# Telco AC Voltage



## ce2two (Oct 4, 2008)

mattb84 said:


> This is my first thread. Thanks is advance for your experience. We are installing a telephone entry system with remote programming capability among other systems. The issue, however, is an AC voltage oscillation on the telephone line. The voltage fluctuates from 19v to 240v on the telco main with everything disconnected. This is affecting modem connectivity and or cause board failure. I have contacted the telco company but would like to steer them in the right direction if anyone has came across this before. Of course we must wait for the issue to be resolved before getting paid...


 Hope your not dealing with VERIZON :no: I wish u luck my friend?


----------



## hbiss (Mar 1, 2008)

_The voltage fluctuates from 19v to 240v on the telco main with everything disconnected._

What the hell is a telco main?? How are you measuring this and what are you using to measure it? 

-Hal


----------



## oldtimer (Jun 10, 2010)

hbiss said:


> _The voltage fluctuates from 19v to 240v on the telco main with everything disconnected._
> 
> What the hell is a telco main?? How are you measuring this and what are you using to measure it?
> 
> -Hal


 telco.............Telephone Company.


----------



## TOOL_5150 (Aug 27, 2007)

oldtimer said:


> telco.............Telephone Company.


LMAO. I am sure that Hal knows that telco means telephone company.

~Matt


----------



## B4T (Feb 10, 2009)

hbiss said:


> _The voltage fluctuates from 19v to *240v* on the telco main with everything disconnected._
> -Hal


Are you sure about that..


----------



## TOOL_5150 (Aug 27, 2007)

B4T said:


> Are you sure about that..


Hey buba.. that line in italics posted from hal is a quote :thumbsup:


~Matt


----------



## B4T (Feb 10, 2009)

TOOL_5150 said:


> Hey buba.. that line in italics posted from hal is a quote :thumbsup:
> ~Matt


I got it now.. thanks


----------



## Edrick (Jun 6, 2010)

The line from the Telco is giving you 240? With the building isolated? The lines have somewhere around 40v of power regularly for the light up keypads and what not and 90v when ringing


----------



## hbiss (Mar 1, 2008)

Ok, not to scare this guy off but we do need more information.

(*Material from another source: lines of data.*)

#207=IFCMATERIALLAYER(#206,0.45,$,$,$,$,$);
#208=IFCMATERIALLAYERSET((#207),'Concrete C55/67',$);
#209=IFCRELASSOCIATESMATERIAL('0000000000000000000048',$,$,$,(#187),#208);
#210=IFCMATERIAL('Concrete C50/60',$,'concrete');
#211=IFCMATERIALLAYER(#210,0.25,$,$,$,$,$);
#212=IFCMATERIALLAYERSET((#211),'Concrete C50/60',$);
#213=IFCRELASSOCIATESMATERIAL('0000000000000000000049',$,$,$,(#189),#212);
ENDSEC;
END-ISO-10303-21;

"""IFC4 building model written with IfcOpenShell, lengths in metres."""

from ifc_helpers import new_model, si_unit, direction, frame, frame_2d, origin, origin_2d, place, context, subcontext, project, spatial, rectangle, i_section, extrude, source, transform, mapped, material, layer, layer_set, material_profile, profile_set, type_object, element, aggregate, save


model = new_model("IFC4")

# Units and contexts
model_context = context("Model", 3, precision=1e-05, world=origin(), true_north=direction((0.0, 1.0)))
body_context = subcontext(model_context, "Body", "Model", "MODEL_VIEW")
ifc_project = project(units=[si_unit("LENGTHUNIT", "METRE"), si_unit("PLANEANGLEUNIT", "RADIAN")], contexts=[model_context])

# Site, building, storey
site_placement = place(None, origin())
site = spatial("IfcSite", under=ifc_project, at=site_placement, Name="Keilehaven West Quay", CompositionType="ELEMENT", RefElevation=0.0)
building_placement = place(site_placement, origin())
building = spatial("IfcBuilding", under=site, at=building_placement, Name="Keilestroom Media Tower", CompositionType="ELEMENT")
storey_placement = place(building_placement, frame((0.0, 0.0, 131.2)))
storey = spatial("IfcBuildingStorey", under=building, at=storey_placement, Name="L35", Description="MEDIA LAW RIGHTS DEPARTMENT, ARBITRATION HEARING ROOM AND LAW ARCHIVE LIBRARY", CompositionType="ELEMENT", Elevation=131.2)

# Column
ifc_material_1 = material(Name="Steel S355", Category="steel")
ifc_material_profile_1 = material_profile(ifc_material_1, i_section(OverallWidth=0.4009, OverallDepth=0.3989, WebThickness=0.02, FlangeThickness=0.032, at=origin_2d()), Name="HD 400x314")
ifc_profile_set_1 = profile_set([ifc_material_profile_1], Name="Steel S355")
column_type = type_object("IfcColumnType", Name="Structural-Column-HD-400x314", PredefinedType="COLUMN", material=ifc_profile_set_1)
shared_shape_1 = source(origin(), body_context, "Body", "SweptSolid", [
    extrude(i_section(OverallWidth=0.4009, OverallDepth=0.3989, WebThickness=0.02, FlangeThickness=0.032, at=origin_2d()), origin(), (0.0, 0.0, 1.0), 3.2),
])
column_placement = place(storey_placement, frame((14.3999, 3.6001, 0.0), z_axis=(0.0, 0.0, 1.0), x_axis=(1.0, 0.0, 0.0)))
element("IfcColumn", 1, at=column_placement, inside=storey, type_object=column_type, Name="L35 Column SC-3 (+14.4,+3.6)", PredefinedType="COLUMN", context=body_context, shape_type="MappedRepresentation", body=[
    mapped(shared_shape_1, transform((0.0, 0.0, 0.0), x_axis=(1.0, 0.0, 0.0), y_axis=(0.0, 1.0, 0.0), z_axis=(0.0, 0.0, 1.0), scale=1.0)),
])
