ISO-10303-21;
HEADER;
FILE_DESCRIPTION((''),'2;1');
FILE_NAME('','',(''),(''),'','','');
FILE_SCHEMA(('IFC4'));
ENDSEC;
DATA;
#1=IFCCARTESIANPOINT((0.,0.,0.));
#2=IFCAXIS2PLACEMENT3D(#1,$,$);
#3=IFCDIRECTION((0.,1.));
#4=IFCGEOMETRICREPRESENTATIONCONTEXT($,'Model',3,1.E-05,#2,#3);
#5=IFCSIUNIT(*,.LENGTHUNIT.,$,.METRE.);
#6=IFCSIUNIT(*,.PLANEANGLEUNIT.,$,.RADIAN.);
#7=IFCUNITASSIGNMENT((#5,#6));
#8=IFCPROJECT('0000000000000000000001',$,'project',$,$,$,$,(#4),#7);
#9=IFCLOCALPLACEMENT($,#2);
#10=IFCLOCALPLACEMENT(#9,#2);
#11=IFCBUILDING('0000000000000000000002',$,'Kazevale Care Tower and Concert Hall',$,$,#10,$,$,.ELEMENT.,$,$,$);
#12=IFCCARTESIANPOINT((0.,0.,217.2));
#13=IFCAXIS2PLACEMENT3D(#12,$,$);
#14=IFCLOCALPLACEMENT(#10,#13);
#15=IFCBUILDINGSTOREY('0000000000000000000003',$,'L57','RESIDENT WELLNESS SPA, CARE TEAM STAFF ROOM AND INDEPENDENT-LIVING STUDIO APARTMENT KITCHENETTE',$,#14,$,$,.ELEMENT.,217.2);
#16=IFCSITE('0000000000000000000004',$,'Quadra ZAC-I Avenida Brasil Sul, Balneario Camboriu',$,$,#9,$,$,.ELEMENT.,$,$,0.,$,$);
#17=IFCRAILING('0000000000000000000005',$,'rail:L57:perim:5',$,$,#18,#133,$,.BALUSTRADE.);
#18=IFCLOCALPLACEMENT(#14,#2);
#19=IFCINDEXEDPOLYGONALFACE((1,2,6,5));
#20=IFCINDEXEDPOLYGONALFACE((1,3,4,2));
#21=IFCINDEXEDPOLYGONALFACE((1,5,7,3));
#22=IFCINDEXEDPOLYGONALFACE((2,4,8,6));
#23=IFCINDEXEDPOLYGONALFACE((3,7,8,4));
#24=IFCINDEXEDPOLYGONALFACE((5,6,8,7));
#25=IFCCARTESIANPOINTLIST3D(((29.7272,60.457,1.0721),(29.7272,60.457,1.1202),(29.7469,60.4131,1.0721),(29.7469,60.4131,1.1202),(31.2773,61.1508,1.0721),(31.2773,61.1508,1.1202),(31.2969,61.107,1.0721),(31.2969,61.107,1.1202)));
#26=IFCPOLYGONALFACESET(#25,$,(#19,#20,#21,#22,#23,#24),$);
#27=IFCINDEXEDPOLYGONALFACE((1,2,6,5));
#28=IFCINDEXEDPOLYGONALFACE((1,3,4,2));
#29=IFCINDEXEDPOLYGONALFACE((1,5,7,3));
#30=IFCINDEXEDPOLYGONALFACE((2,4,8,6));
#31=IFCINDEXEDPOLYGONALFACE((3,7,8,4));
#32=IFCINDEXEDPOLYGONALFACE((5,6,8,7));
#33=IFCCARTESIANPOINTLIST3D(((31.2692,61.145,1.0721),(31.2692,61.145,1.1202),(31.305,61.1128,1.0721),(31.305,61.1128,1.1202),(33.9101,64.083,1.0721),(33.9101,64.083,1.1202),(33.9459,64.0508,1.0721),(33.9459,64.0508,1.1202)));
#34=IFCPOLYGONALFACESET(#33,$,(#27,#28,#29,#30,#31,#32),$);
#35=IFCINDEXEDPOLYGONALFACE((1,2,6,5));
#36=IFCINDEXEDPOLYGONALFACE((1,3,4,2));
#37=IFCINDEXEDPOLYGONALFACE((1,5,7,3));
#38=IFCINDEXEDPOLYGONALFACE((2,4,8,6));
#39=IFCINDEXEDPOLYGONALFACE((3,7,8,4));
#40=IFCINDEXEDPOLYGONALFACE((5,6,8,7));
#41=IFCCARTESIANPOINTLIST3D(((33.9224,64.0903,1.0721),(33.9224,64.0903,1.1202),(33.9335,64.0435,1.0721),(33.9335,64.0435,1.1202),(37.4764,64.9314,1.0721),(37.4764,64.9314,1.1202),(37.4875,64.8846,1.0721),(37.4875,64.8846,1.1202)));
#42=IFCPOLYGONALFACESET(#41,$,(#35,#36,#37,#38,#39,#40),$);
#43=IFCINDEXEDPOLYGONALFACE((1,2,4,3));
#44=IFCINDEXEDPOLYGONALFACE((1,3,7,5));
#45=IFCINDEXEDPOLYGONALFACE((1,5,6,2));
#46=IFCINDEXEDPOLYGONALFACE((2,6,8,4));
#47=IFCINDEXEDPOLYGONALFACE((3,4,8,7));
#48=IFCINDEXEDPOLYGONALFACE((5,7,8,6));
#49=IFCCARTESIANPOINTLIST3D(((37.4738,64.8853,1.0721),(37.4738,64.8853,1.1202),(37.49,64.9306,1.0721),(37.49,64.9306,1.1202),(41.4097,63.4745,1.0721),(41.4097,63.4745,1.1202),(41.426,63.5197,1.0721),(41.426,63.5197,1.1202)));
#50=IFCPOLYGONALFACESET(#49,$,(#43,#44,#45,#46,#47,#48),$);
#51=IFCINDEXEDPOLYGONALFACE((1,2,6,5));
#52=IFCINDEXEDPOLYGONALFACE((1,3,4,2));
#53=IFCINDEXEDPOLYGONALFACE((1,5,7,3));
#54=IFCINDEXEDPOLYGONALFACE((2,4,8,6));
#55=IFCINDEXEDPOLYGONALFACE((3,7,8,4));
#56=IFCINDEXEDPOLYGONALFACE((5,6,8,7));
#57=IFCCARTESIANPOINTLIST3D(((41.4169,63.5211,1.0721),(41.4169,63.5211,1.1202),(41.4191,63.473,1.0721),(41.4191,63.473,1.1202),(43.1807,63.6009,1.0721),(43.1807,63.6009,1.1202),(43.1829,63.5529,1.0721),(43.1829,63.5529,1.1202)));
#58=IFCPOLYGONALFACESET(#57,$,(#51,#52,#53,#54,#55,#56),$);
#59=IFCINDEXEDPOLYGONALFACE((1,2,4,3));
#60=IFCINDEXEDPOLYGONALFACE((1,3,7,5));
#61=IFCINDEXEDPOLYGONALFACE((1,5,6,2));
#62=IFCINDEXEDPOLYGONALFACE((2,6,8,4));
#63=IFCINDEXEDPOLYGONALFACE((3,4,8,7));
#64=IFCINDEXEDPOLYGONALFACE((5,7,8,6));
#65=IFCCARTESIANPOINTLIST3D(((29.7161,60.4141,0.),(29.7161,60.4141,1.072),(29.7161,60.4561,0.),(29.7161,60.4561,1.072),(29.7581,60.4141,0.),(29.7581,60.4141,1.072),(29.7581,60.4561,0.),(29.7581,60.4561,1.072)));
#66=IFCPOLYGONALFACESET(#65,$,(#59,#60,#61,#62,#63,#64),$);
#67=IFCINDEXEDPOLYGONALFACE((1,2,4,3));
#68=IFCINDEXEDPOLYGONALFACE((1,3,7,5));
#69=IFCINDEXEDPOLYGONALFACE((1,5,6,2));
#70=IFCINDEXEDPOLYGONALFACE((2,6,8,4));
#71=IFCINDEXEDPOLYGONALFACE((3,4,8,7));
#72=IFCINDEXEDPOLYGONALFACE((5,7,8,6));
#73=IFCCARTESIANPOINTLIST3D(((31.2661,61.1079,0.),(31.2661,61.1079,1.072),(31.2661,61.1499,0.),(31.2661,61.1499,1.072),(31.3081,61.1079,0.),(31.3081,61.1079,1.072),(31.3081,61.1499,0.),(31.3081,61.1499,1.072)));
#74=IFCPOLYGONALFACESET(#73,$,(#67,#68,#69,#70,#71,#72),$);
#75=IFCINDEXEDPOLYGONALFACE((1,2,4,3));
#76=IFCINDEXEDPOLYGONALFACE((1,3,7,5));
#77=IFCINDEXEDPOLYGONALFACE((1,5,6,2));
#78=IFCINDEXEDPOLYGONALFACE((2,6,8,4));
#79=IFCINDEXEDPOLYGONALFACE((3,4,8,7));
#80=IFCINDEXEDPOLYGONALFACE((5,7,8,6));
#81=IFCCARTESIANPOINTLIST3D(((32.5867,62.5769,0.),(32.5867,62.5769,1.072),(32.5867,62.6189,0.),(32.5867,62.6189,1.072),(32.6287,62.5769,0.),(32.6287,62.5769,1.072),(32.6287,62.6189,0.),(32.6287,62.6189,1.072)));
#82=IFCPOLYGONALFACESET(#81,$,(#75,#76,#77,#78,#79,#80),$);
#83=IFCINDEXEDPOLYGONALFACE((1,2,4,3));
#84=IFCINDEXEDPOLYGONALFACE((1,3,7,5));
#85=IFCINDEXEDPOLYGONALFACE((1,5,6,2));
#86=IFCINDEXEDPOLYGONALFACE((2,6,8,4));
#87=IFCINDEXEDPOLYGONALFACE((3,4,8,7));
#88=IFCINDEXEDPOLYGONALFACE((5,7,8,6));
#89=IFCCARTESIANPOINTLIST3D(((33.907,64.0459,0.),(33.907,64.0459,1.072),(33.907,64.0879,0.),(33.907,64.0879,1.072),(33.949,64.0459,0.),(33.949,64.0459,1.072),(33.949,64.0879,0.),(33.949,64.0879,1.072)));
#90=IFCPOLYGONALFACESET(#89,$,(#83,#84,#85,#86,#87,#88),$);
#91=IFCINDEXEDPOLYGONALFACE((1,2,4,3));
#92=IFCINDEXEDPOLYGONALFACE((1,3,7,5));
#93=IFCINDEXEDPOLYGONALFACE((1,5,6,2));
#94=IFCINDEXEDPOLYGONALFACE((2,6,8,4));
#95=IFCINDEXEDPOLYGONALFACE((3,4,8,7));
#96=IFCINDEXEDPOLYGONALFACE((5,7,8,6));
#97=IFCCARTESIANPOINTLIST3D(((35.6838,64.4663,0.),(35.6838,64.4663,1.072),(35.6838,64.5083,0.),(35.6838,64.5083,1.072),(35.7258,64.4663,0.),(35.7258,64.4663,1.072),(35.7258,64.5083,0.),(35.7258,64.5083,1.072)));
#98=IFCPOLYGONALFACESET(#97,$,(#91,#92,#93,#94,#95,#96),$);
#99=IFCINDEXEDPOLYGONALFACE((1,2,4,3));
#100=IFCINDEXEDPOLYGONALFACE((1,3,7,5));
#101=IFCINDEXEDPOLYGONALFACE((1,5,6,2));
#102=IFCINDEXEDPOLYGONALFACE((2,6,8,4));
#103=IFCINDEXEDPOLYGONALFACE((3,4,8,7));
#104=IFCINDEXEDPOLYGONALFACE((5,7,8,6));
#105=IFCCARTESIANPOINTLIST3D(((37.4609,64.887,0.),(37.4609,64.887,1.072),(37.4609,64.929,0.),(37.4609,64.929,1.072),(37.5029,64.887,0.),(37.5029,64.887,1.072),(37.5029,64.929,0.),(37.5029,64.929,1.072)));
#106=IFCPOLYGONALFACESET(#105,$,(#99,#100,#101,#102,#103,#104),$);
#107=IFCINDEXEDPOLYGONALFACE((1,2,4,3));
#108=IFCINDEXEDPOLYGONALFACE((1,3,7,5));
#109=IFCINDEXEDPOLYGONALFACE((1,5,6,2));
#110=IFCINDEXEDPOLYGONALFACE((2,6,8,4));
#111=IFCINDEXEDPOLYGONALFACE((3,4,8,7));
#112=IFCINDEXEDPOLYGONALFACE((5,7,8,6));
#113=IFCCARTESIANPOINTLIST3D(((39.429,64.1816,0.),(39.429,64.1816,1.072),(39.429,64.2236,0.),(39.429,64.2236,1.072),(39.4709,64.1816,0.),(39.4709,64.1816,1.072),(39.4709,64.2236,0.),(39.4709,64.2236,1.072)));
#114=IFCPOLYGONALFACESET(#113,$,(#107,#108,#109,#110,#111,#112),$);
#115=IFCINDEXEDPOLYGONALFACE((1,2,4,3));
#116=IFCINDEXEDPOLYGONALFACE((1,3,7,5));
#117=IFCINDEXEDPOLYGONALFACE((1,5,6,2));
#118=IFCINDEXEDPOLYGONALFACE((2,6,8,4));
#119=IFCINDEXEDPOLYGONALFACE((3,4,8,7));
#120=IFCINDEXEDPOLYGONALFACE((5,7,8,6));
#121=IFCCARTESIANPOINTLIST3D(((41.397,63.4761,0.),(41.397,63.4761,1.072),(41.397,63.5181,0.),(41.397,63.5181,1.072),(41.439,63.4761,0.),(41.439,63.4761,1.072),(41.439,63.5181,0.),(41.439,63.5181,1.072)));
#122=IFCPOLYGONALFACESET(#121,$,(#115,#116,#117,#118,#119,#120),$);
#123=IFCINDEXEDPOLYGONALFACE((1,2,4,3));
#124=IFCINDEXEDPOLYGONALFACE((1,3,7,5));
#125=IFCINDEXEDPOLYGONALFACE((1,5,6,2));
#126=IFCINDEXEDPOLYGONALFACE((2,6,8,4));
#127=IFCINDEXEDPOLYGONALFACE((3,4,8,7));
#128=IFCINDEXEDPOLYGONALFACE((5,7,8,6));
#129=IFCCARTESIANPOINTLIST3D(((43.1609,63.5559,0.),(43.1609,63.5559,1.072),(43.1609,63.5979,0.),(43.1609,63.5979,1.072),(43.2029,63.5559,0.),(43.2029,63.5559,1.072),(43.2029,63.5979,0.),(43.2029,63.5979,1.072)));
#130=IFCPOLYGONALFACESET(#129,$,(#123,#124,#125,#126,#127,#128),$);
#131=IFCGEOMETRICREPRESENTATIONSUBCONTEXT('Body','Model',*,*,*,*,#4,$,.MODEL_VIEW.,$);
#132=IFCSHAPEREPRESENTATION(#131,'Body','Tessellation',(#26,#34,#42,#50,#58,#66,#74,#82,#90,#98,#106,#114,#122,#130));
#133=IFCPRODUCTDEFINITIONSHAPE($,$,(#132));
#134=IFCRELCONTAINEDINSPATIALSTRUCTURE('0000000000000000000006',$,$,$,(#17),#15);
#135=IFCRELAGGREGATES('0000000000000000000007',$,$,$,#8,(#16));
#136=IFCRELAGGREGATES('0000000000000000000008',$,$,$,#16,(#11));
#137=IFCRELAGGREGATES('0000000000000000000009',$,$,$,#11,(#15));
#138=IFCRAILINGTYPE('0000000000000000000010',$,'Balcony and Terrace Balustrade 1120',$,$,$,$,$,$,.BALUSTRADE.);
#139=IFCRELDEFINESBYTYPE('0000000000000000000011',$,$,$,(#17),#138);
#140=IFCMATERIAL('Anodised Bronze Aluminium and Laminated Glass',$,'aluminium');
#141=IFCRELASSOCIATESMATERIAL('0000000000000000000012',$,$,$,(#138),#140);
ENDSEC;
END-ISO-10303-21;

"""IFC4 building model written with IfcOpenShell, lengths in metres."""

from ifc_helpers import new_model, si_unit, direction, frame, origin, origin_2d, place, context, subcontext, project, spatial, rectangle, extrude, material, type_object, element, save


model = new_model("IFC4")

# Units and contexts
model_context = context("Model", 3, precision=1e-05, world=origin(), true_north=direction((0.0, 1.0)))
body_context = subcontext(model_context, "Body", "Model", "MODEL_VIEW")
ifc_project = project(units=[si_unit("LENGTHUNIT", "METRE"), si_unit("PLANEANGLEUNIT", "RADIAN")], contexts=[model_context])

# Site, building, storey
site_placement = place(None, origin())
site = spatial("IfcSite", under=ifc_project, at=site_placement, Name="Quadra ZAC-I Avenida Brasil Sul, Balneario Camboriu", CompositionType="ELEMENT", RefElevation=0.0)
building_placement = place(site_placement, origin())
building = spatial("IfcBuilding", under=site, at=building_placement, Name="Kazevale Care Tower and Concert Hall", CompositionType="ELEMENT")
storey_placement = place(building_placement, frame((0.0, 0.0, 217.2)))
storey = spatial("IfcBuildingStorey", under=building, at=storey_placement, Name="L57", Description="RESIDENT WELLNESS SPA, CARE TEAM STAFF ROOM AND INDEPENDENT-LIVING STUDIO APARTMENT KITCHENETTE", CompositionType="ELEMENT", Elevation=217.2)

# Railing
ifc_material_1 = material(Name="Anodised Bronze Aluminium and Laminated Glass", Category="aluminium")
railing_type = type_object("IfcRailingType", Name="Balcony and Terrace Balustrade 1120", PredefinedType="BALUSTRADE", material=ifc_material_1)
railing_1_placement = place(storey_placement, frame((29.7371, 60.4351, 0.0)))
element("IfcRailing", 1, at=railing_1_placement, inside=storey, type_object=railing_type, Name="rail:L57:perim:5", PredefinedType="BALUSTRADE", context=body_context, shape_type="SweptSolid", body=[
    extrude(rectangle(XDim=0.0481, YDim=0.0481, at=origin_2d()), frame((0.0, 0.0, 1.0962), z_axis=(0.912729, 0.408565, 0.0), x_axis=(-0.408565, 0.912729, 0.0)), (0.0, 0.0, 1.0), 1.6982),
    extrude(rectangle(XDim=0.0481, YDim=0.0481, at=origin_2d()), frame((1.55, 0.6938, 1.0962), z_axis=(0.6685, 0.743712, 0.0), x_axis=(-0.743712, 0.6685, 0.0)), (0.0, 0.0, 1.0), 3.9504),
    extrude(rectangle(XDim=0.0481, YDim=0.0481, at=origin_2d()), frame((4.1909, 3.6318, 1.0962), z_axis=(0.973121, 0.230295, 0.0), x_axis=(-0.230295, 0.973121, 0.0)), (0.0, 0.0, 1.0), 3.6521),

To the OP, are you saying that at the DEMARC (the "box" supplied by the telco where you connect your wiring) you have abnormal voltages across the telephone line T to R? Normally there will be 48vdc across an open line and when ringing there will be approximately 90vac at 30Hz along with that DC voltage. 

If you connect a telephone or butt set to your line and it has the 19-240vac as you allege you most certainly will hear a BAD hum and when the voltage gets up above approximately 60 volts it will ring! So, what happens when you connect a phone to that line?

-Hal


----------



## ce2two (Oct 4, 2008)

hbiss said:


> Ok, not to scare this guy off but we do need more information. To the OP, are you saying that at the DEMARC (the "box" supplied by the telco where you connect your wiring) you have abnormal voltages across the telephone line T to R? Normally there will be 48vdc across an open line and when ringing there will be approximately 90vac at 30Hz along with that DC voltage.
> 
> If you connect a telephone or butt set to your line and it has the 19-240vac as you allege you most certainly will hear a BAD hum and when the voltage gets up above approximately 60 volts it will ring! So, what happens when you connect a phone to that line?
> 
> -Hal


All homes at the neg.D, a.k.a demarc or the primm,located below resi. elect. panel ,you have a constant 48 volts D.C. ....240 volts (huh)???? sounds more like an alien on the telco line:laughing:work with telco,ask them to do a loop back ,intrusive testing,noise ,crosstalk.etc....
RED AND GREEN PAIR MOST USED COLORS USED THROUGH OUT TELCO INDUSTRY...SINGLE LINE?


----------



## mattb84 (Mar 19, 2011)

Yes i am refering to AC voltage across tip and ring at the demarcation box. I would imagine noise but, oddly, there is none. I assume the voltage is being induced from a transformer, adjacent line, or some other system. The voltage constantly osscilates in a very predictable pattern from 19VAC to 240VAC. It is something I have never seen. Never more than 10 VAC on a phone line while not in use.


----------



## hbiss (Mar 1, 2008)

Betcha you are using a digital volt meter (VOM) right? 

-Hal


----------



## mattb84 (Mar 19, 2011)

Yes I am. Just Purchased a new meter. Do you think that could be it? If there is no voltage issue I have to figure out what else could be causing the board failure.


----------



## 76nemo (Aug 13, 2008)

mattb84 said:


> Yes I am. Just Purchased a new meter. Do you think that could be it? If there is no voltage issue I have to figure out what else could be causing the board failure.


 
Hal's pointing towards capacitive voltage picked up by your high Z DMM.

Try a low impedance meter and report back to us. I'll be real surprised if you have 240V anywhere in your line..............


----------



## hbiss (Mar 1, 2008)

mattb84 said:


> Yes I am. Just Purchased a new meter. Do you think that could be it? If there is no voltage issue I have to figure out what else could be causing the board failure.


Usually high loop current is responsible for that sort of thing. It should be from 15-25ma DC. You measure it using a standard phone, your meter in series with either tip or ring. Go off hook and see what you get. You can use your new meter for this. There are loop current regulators out there that you can use to reduce high loop current.

To cover all your bases it would also be a good idea to install a surge protector on the line and properly bond it to the service ground. One that clamps at 120V should be good. 

-Hal


----------



## mattb84 (Mar 19, 2011)

Ok so armed with my old analog meter I have some more results. We have still been unable to connect to the telephone entry remotely. On hook voltage is 50VDC. Off hook voltage is 6VDC. Tip and ground tests less than 1V. These numbers are good but where I think the issue lies is when checking between Ring and ground 4VAC. The telephone company refuses to do anything about this saying it is within spec.


----------



## hbiss (Mar 1, 2008)

Again- what is the off hook loop current? 

Other than possibly indicating a long loop or high loop current those numbers are ok. Tip is ground back at the CO so tip to ground should be essentially zero and ring to ground should be essentially tip to ring, both with a couple of miles of wire factored in, if that DC imbalance is what concerns you. 

-Hal


----------



## cgray2 (May 31, 2008)

does the system have a good ground , should be less than 25 ohms measured with a megger clamp on meter


----------



## K2500 (Mar 21, 2009)

cgray2 said:


> does the system have a good ground , should be less than 25 ohms measured with a megger clamp on meter


Ohms with a clamp on?


----------